За мной числилось шесть следственных дел различной срочности и трудности; самоубийство же Анищина, седьмое, было самым простеньким. Однако я взялся за него сразу, точно истекал положенный двухмесячный срок. Возможно, меня поторопил судмедэксперт, позвонивший в день вскрытия трупа. Серьезных болезней и телесных повреждений у Анищина не было, что подтверждало версию самоубийства, но Марк Григорьевич задал беспокойный вопрос: кто будет хоронить?

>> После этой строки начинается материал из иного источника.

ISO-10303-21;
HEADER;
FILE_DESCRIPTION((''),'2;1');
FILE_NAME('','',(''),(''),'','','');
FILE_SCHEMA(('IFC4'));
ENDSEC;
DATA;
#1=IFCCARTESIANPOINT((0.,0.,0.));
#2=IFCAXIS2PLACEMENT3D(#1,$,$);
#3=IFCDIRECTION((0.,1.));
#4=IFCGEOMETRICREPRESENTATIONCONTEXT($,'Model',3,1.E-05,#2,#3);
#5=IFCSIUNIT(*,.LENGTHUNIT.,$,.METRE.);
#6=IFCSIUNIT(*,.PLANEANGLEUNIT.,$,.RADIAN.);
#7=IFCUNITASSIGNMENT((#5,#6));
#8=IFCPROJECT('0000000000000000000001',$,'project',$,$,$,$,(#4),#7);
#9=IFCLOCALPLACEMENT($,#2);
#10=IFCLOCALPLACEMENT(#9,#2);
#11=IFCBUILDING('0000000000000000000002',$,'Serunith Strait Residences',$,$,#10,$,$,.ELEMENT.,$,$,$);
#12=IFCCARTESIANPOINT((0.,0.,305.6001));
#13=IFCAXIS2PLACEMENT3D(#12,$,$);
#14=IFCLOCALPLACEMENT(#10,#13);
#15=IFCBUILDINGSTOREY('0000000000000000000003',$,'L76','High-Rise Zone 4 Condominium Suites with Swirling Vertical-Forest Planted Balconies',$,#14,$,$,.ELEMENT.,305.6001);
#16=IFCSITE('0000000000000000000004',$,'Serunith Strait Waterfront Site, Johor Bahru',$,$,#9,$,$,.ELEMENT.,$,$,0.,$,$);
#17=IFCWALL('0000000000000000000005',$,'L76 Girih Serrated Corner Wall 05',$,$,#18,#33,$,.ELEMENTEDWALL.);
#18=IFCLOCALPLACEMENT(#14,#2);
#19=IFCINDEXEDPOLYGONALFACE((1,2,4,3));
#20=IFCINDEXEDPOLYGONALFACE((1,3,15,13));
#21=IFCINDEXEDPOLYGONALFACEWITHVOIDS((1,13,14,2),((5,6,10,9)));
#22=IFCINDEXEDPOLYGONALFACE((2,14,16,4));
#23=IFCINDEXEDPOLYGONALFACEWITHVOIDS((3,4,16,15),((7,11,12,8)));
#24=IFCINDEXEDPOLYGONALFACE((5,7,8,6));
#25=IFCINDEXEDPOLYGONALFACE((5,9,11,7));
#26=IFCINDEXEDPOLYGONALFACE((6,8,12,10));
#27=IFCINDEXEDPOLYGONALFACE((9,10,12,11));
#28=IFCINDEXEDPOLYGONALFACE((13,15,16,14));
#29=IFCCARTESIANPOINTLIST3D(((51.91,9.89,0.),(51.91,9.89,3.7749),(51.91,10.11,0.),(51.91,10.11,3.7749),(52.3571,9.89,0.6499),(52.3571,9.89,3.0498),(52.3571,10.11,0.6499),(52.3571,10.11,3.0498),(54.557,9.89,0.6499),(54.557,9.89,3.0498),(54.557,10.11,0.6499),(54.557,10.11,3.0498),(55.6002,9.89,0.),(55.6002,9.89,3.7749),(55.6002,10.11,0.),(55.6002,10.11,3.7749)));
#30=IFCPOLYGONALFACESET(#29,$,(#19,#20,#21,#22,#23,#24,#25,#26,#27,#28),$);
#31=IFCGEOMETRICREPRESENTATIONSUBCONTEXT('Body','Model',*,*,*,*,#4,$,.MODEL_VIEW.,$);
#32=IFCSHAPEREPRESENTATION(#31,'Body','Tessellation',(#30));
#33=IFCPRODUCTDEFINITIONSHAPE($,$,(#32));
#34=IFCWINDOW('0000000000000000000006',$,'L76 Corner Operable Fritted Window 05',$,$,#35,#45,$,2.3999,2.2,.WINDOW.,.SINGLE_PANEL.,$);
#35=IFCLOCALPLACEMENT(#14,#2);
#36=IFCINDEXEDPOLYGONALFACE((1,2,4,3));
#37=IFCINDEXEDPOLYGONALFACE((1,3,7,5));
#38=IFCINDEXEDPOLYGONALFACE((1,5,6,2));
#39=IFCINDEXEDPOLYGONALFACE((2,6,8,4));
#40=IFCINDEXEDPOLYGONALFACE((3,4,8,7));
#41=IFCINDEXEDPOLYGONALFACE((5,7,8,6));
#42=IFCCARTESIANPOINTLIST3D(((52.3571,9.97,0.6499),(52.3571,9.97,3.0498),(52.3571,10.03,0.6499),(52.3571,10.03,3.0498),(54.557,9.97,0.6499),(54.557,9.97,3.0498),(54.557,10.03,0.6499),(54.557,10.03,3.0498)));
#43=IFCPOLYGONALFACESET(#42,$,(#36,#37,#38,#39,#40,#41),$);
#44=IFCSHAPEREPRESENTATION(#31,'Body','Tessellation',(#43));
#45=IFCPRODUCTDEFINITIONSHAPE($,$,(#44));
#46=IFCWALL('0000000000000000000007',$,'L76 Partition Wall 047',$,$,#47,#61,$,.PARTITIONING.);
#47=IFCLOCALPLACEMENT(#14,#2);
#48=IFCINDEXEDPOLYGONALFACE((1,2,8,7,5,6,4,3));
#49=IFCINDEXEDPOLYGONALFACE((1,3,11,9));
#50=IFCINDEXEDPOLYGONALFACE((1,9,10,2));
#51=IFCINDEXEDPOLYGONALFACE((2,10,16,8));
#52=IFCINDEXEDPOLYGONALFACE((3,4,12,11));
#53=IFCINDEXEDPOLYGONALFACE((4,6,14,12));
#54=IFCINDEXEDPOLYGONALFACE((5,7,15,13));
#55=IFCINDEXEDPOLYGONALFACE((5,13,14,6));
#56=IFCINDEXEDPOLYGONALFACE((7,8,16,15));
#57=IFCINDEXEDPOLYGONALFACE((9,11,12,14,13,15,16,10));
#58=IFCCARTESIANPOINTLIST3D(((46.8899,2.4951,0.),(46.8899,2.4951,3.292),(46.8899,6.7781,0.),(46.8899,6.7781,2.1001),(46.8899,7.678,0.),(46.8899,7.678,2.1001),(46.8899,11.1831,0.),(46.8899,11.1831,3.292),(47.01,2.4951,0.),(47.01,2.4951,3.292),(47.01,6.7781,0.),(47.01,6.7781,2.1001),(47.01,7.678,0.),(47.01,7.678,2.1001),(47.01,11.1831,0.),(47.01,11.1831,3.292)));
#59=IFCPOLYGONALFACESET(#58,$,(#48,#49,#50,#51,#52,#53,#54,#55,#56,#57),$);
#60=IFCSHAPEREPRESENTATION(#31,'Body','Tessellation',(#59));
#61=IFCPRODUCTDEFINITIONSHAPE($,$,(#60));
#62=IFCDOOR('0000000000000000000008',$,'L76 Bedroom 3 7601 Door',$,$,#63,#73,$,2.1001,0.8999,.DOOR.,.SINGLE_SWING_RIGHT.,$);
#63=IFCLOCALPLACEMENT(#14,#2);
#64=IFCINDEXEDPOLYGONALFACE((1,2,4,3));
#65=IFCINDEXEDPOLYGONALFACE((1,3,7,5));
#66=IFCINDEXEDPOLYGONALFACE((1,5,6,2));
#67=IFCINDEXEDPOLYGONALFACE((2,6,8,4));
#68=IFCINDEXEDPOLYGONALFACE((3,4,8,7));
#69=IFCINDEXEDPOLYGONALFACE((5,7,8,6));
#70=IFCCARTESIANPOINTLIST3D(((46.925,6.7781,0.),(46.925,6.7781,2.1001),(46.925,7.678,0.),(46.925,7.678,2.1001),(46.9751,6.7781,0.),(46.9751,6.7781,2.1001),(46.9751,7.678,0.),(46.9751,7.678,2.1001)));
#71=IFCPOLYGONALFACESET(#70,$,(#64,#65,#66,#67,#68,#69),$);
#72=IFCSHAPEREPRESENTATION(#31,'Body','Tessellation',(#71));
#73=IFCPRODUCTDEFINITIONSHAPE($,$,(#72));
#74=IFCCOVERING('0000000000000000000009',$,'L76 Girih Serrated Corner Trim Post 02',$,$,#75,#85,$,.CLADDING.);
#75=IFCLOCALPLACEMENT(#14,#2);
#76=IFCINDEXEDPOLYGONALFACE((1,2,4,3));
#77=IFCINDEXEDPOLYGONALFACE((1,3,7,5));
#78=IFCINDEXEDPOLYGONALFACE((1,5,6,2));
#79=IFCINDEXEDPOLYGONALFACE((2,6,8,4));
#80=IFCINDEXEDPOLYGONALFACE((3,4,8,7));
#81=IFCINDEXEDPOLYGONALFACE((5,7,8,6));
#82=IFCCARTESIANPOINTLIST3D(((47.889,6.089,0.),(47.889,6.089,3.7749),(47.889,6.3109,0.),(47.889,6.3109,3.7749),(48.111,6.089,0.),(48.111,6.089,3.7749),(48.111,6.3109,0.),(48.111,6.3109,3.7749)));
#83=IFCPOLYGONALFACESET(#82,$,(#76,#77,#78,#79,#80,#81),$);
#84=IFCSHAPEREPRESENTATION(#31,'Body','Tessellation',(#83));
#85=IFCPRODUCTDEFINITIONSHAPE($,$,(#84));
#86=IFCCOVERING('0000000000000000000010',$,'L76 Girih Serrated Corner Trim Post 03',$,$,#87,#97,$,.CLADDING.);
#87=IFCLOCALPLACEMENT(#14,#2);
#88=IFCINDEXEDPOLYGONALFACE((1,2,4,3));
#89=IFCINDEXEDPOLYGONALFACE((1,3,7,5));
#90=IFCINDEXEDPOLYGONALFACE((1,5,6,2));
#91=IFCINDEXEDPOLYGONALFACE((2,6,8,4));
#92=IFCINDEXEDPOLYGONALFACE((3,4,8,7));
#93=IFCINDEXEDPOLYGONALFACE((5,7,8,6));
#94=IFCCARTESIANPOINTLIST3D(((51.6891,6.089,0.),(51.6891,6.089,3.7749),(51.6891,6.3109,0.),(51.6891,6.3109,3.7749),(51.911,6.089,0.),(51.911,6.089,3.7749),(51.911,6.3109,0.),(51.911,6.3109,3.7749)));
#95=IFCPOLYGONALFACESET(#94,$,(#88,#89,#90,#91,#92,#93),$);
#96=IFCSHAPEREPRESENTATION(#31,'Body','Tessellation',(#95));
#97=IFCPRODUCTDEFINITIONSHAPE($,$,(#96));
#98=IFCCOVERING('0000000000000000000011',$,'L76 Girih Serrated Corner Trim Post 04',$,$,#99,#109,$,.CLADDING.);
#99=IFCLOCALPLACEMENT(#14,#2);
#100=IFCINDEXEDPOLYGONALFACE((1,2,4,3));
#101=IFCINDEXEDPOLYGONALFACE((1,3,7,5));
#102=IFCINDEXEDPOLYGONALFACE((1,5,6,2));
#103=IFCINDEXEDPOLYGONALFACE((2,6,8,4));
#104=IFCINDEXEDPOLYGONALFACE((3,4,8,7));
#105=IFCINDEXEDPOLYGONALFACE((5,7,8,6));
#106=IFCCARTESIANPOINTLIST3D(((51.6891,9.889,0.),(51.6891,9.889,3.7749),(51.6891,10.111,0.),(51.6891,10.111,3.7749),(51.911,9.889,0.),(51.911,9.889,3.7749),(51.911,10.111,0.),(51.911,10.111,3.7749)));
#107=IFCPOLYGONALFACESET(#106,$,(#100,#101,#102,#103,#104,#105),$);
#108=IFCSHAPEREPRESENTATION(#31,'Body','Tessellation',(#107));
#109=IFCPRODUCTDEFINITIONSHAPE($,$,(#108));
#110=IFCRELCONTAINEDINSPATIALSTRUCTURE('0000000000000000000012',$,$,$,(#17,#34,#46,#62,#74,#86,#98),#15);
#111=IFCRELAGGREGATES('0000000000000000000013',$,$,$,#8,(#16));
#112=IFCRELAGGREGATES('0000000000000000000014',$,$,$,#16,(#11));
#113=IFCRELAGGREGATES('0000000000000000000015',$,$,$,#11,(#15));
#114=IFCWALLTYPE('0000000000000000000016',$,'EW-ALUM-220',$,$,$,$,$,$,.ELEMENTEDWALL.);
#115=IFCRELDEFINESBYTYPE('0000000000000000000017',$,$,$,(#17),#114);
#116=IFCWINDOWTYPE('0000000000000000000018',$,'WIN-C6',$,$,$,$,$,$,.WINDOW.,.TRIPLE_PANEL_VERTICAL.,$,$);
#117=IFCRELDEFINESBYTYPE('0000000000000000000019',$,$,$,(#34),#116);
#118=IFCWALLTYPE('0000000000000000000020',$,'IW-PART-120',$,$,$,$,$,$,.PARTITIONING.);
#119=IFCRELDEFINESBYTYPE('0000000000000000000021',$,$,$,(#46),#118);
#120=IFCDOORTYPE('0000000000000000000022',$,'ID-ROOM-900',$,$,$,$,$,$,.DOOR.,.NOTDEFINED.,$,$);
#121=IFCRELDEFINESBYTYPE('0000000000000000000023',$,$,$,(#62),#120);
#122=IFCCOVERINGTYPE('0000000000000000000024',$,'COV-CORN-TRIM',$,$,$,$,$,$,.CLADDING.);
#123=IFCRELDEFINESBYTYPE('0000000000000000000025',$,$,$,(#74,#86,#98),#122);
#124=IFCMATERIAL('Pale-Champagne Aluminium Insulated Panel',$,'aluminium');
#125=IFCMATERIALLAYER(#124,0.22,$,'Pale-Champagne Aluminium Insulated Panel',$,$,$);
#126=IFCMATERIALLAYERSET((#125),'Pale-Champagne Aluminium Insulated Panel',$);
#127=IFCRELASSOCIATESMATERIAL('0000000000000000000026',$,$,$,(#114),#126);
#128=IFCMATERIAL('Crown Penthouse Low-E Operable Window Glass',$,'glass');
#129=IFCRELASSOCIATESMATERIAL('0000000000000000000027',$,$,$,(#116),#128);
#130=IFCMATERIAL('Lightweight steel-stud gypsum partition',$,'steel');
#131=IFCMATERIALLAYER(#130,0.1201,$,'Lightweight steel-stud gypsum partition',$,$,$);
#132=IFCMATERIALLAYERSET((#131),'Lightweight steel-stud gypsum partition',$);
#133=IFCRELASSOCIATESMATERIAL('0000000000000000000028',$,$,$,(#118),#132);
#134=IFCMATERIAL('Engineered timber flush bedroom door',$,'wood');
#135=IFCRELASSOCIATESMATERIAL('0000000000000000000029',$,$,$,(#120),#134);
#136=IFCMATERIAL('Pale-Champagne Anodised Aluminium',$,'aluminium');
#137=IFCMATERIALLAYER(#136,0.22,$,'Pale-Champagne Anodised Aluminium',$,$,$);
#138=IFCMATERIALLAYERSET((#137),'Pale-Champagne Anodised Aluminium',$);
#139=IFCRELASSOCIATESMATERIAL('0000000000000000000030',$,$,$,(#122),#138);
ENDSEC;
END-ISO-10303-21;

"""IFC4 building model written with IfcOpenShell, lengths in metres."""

from ifc_helpers import new_model, si_unit, direction, frame, frame_2d, origin, origin_2d, place, context, subcontext, project, spatial, rectangle, extrude, source, transform, mapped, material, layer, layer_set, type_object, element, fill, save


model = new_model("IFC4")

# Units and contexts
model_context = context("Model", 3, precision=1e-05, world=origin(), true_north=direction((0.0, 1.0)))
body_context = subcontext(model_context, "Body", "Model", "MODEL_VIEW")
ifc_project = project(units=[si_unit("LENGTHUNIT", "METRE"), si_unit("PLANEANGLEUNIT", "RADIAN")], contexts=[model_context])

# Site, building, storey
site_placement = place(None, origin())
site = spatial("IfcSite", under=ifc_project, at=site_placement, Name="Serunith Strait Waterfront Site, Johor Bahru", CompositionType="ELEMENT", RefElevation=0.0)
building_placement = place(site_placement, origin())
building = spatial("IfcBuilding", under=site, at=building_placement, Name="Serunith Strait Residences", CompositionType="ELEMENT")
storey_placement = place(building_placement, frame((0.0, 0.0, 305.6001)))
storey = spatial("IfcBuildingStorey", under=building, at=storey_placement, Name="L76", Description="High-Rise Zone 4 Condominium Suites with Swirling Vertical-Forest Planted Balconies", CompositionType="ELEMENT", Elevation=305.6001)

# Wall, opening, window
ifc_material_1 = material(Name="Pale-Champagne Aluminium Insulated Panel", Category="aluminium")
ifc_layer_1 = layer(ifc_material_1, 0.22, Name="Pale-Champagne Aluminium Insulated Panel")
ifc_layer_set_1 = layer_set([ifc_layer_1], Name="Pale-Champagne Aluminium Insulated Panel")
wall_type_1 = type_object("IfcWallType", Name="EW-ALUM-220", PredefinedType="ELEMENTEDWALL", material=ifc_layer_set_1)
ifc_material_2 = material(Name="Crown Penthouse Low-E Operable Window Glass", Category="glass")
window_type = type_object("IfcWindowType", Name="WIN-C6", PartitioningType="TRIPLE_PANEL_VERTICAL", PredefinedType="WINDOW", material=ifc_material_2)
shared_shape_1 = source(origin(), body_context, "Body", "SweptSolid", [
    extrude(rectangle(XDim=2.2, YDim=2.3999, at=frame_2d((1.1001, 1.2))), frame((0.0, 0.03, 0.0), z_axis=(0.0, -1.0, 0.0), x_axis=(1.0, 0.0, 0.0)), (0.0, 0.0, 1.0), 0.0601),
])
wall_1_placement = place(storey_placement, frame((51.9099, 10.0, 0.0), z_axis=(0.0, 0.0, 1.0), x_axis=(1.0, 0.0, 0.0)))
wall_1 = element("IfcWall", 1, at=wall_1_placement, inside=storey, type_object=wall_type_1, Name="L76 Girih Serrated Corner Wall 05", PredefinedType="ELEMENTEDWALL", context=body_context, shape_type="SweptSolid", body=[
    extrude(rectangle(XDim=3.6902, YDim=0.22, at=frame_2d((1.8452, 0.0))), origin(), (0.0, 0.0, 1.0), 3.7749),
])
opening_1_placement = place(wall_1_placement, frame((0.447, 0.0, 0.6499)))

Однажды убитая девушка месяц пролежала в холодильнике морга. Мне звонили и названивали, ибо труп я не отдавал студентам-медикам, а хоронить было некому. Я искал родственников. Странное это состояние, когда чувствуешь себя родителем, братом, кумом-сватом убитого брошенного человека, которого ты не знал и живым никогда не видел. Мое неуправляемое воображение, гулявшее само по себе вроде той самой кошки, представляло высохшего Анищина, брошенного родственниками, знакомыми и государством. Допустим, родственников и знакомых у него нет, но оставалось государство. В моем лице. Поэтому я, где раздвинув, где ужав свои планы, тотчас начал следствие. И сегодня ждал свидетельницу, которая сказала Леденцову про женщину. Да вот что-то в назначенное время она не пришла.
Сколько я расследовал самоубийств? Пожалуй, одно дело в производстве всегда имелось. Стыдливая статистика не любит подсчитывать уголовные преступления, а самоубийства тем паче, полагая, что они бросают уж слишком черную тень на наш образ жизни. Но статистика зря опасается. Мне трудно вспомнить дело, когда человек покончил бы с собой по гражданским или политическим мотивам. Девяносто процентов самоубийств, уж поверьте мне, происходит по трем причинам: семейные неурядицы, пьянство или неудачная любовь. Эти мотивы я примеривал к Анищину. Семейные неурядицы, но у него не было семьи. Любовь, но он староват для таких диких страстей. Пьянство. Но он не пил, что было видно по трупу, да и вскрытие алкогольных изменений на нашло.
Я поправил очки, отгоняя этим движением навязчивость мыслей. Зачем искать, когда папка уголовного дела о самоубийстве гражданина Анищина вздулась от его дневников. Там все, в них все.
К концу рабочего дня в кабинет вошла старушка с невероятной тяжестью в руках и упрекнула:
— Мог бы и навестить. Как-никак мне под семьдесят.
— Почему опоздали? — отразил я атаку.
— За свежей треской простояла.
— Тут и семьдесят лет не помеха?
— Треску разберут, а этому Анищину теперь никакое следствие не поможет.
И то верно. Не снимая платка, она выпростала из-под него уши и в оправдание добавила вторую причину, почти магическую:
— Дефицит.
— Теперь все на дефицит валят, — буркнул я, разумеется, ни к чему.
— Из-за этого дефицита и жизнь безобразная.
— Дарья Никифоровна, — я изучал ее паспорт, — а были у нас времена без дефицита?
— Как же! При Сталине полки не пустовали.
— Ну, а жизнь?
— И жизнь была соответственная.
— Неправда, Дарья Никифоровна. Я ту жизнь захватил. Полки, как вы говорите, не пустовали, а жизнь была безобразной.
Свободных разговоров на допросах я не отрицаю, даже наоборот, коли они помогают раскрыть человека либо интересны сами по себе. Но спорить с бабушкой о хорошем ее царе то же самое, что переубеждать верующего. Кажется, давно вывел один крепкий закон: с думающим спорь до хрипоты, с верующим молчи до немоты. Мне бы установить в кабинете какой-нибудь хитрый японский компьютер, соединенный со стулом, который, как заговорю не по делу, шарахнул бы меня электричеством.
— Дарья Никифоровна, я хочу расспросить вас про Анищина…
— Про него весь наш дом друг друга расспрашивает.
— Что же, поступок его удивил?
— Еще бы не удивил, коли смерть наглая.
— Как понимать «наглая»?
— Поскольку удушенник и дело это темное.
— В каком смысле?
Она скинула-таки платок, обнажив гладкие плотные волосы, тронутые рыжим блеском, отчего голова походила на луковицу. Не знаю, откуда на светлом проборе взялось зеленое пятнышко, но я ждал, что голова-луковица вот-вот прорастет перышками и станет сказочным Чиполлино.